Froome maintained a dignified silence during the Tour, in which the team won a stage with Michael Woods, and in Japan ahead of Sunday’s Saitama Criterium has reiterated his passion for racing and firm intention to see out his contract with the squad.
“We’re in contact relatively regularly but no, no hard feelings,” Froome told Cyclingnews when asked about Adams’ commentary.
“I mean his frustrations are understandable but, yeah, that’s how it is. I’m contracted for another two years. I signed a five-year contract when I joined. I still feel like there’s more in the legs and I want to go out having given it my all.
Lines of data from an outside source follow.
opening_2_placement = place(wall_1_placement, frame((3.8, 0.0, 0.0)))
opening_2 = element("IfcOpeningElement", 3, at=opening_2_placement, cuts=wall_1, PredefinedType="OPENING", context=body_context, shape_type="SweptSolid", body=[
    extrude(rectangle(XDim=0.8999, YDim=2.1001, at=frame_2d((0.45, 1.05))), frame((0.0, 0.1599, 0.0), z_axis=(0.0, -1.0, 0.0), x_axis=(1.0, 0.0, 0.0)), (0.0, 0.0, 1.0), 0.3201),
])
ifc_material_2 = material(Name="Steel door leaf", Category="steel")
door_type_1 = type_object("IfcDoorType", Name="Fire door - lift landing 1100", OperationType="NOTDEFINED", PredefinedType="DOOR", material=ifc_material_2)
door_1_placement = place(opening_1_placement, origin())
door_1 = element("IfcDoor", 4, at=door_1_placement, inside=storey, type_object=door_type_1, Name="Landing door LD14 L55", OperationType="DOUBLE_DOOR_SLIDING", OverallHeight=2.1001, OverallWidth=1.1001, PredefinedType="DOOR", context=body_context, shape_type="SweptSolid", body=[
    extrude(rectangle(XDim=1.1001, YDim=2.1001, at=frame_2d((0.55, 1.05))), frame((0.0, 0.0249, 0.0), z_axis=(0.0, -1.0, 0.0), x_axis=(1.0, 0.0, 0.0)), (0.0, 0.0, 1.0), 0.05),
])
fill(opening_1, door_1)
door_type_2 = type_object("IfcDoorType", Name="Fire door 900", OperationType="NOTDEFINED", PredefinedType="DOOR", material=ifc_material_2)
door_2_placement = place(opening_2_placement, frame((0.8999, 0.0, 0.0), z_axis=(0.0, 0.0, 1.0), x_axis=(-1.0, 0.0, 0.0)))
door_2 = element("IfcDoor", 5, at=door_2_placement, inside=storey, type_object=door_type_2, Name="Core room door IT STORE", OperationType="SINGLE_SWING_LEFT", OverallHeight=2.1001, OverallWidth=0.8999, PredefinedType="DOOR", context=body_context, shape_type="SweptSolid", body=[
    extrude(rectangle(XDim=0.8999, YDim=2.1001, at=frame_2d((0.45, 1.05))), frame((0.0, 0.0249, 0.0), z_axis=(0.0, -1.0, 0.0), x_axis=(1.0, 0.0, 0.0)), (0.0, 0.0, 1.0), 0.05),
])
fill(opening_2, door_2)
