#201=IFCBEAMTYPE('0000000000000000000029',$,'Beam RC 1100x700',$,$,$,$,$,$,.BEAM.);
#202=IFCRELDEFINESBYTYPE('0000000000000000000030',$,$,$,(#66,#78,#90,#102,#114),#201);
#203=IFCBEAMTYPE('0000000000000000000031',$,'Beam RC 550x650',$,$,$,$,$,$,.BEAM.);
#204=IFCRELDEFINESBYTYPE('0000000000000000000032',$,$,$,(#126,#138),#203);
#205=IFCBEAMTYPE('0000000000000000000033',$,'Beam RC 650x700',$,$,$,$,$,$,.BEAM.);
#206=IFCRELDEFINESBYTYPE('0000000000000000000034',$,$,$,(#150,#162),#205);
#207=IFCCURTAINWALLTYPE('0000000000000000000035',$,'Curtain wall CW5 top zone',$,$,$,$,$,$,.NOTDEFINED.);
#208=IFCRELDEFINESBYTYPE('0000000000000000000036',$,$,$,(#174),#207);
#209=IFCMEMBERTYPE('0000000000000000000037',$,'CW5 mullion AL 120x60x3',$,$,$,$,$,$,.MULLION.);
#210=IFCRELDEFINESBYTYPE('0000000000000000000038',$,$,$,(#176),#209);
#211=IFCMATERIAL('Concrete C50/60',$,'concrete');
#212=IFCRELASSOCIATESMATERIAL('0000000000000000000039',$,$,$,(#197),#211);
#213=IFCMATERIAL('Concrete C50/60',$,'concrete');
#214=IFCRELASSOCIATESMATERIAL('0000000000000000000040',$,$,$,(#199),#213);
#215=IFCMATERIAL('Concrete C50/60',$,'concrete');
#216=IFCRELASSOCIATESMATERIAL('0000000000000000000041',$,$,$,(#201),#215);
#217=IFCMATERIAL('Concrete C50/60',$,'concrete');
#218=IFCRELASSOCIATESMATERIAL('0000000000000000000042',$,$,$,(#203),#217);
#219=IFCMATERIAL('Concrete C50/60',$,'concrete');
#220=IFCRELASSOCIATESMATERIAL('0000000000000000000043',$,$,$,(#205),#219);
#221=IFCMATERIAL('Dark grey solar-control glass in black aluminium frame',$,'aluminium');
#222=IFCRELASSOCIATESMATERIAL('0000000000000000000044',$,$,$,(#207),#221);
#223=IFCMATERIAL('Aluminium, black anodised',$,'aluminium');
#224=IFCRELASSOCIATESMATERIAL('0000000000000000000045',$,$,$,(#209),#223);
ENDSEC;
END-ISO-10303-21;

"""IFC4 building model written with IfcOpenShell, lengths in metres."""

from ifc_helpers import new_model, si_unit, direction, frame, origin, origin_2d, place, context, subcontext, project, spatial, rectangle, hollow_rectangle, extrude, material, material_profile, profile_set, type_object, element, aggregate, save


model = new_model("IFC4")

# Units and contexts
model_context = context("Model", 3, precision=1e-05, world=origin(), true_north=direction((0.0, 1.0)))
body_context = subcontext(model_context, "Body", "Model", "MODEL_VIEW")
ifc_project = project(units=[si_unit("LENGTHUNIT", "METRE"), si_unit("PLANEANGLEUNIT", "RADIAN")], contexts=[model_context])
I’m not going to give up on it.
“I’ve had much worse said about me.”
Froome transferred from Ineos to Israel Start-Up Nation, as the team was then called, back in 2021, when he was coming back from a life-threatening crash at the 2019 Criterium du Dauphine. He had to learn to walk again after colliding into a wall at 37mph (60km/h) during a time trial recon. At the time, he was the benchmark of Grand Tour racing, and he believes on course for victory in that edition of the Dauphine and try to take a fifth Tour.
“I don’t think I’ve really talked about it that much, but just before that crash I couldn’t wait for that day specifically, that time trial, I was raring to go,” Froome recalled.
“I’d set three PBs in the training camp just before that Dauphine, so I was back to 2015 kind of numbers, so I was really looking forward to that time trial especially. I felt as if I was on my way to winning that Dauphine, which obviously [as the] last race before the Tour, I was in a great place.
“Cycling is full of ‘what ifs’ and ‘had things been different’, but it’s not really something that I harp on too much. I just know I was in a great place to…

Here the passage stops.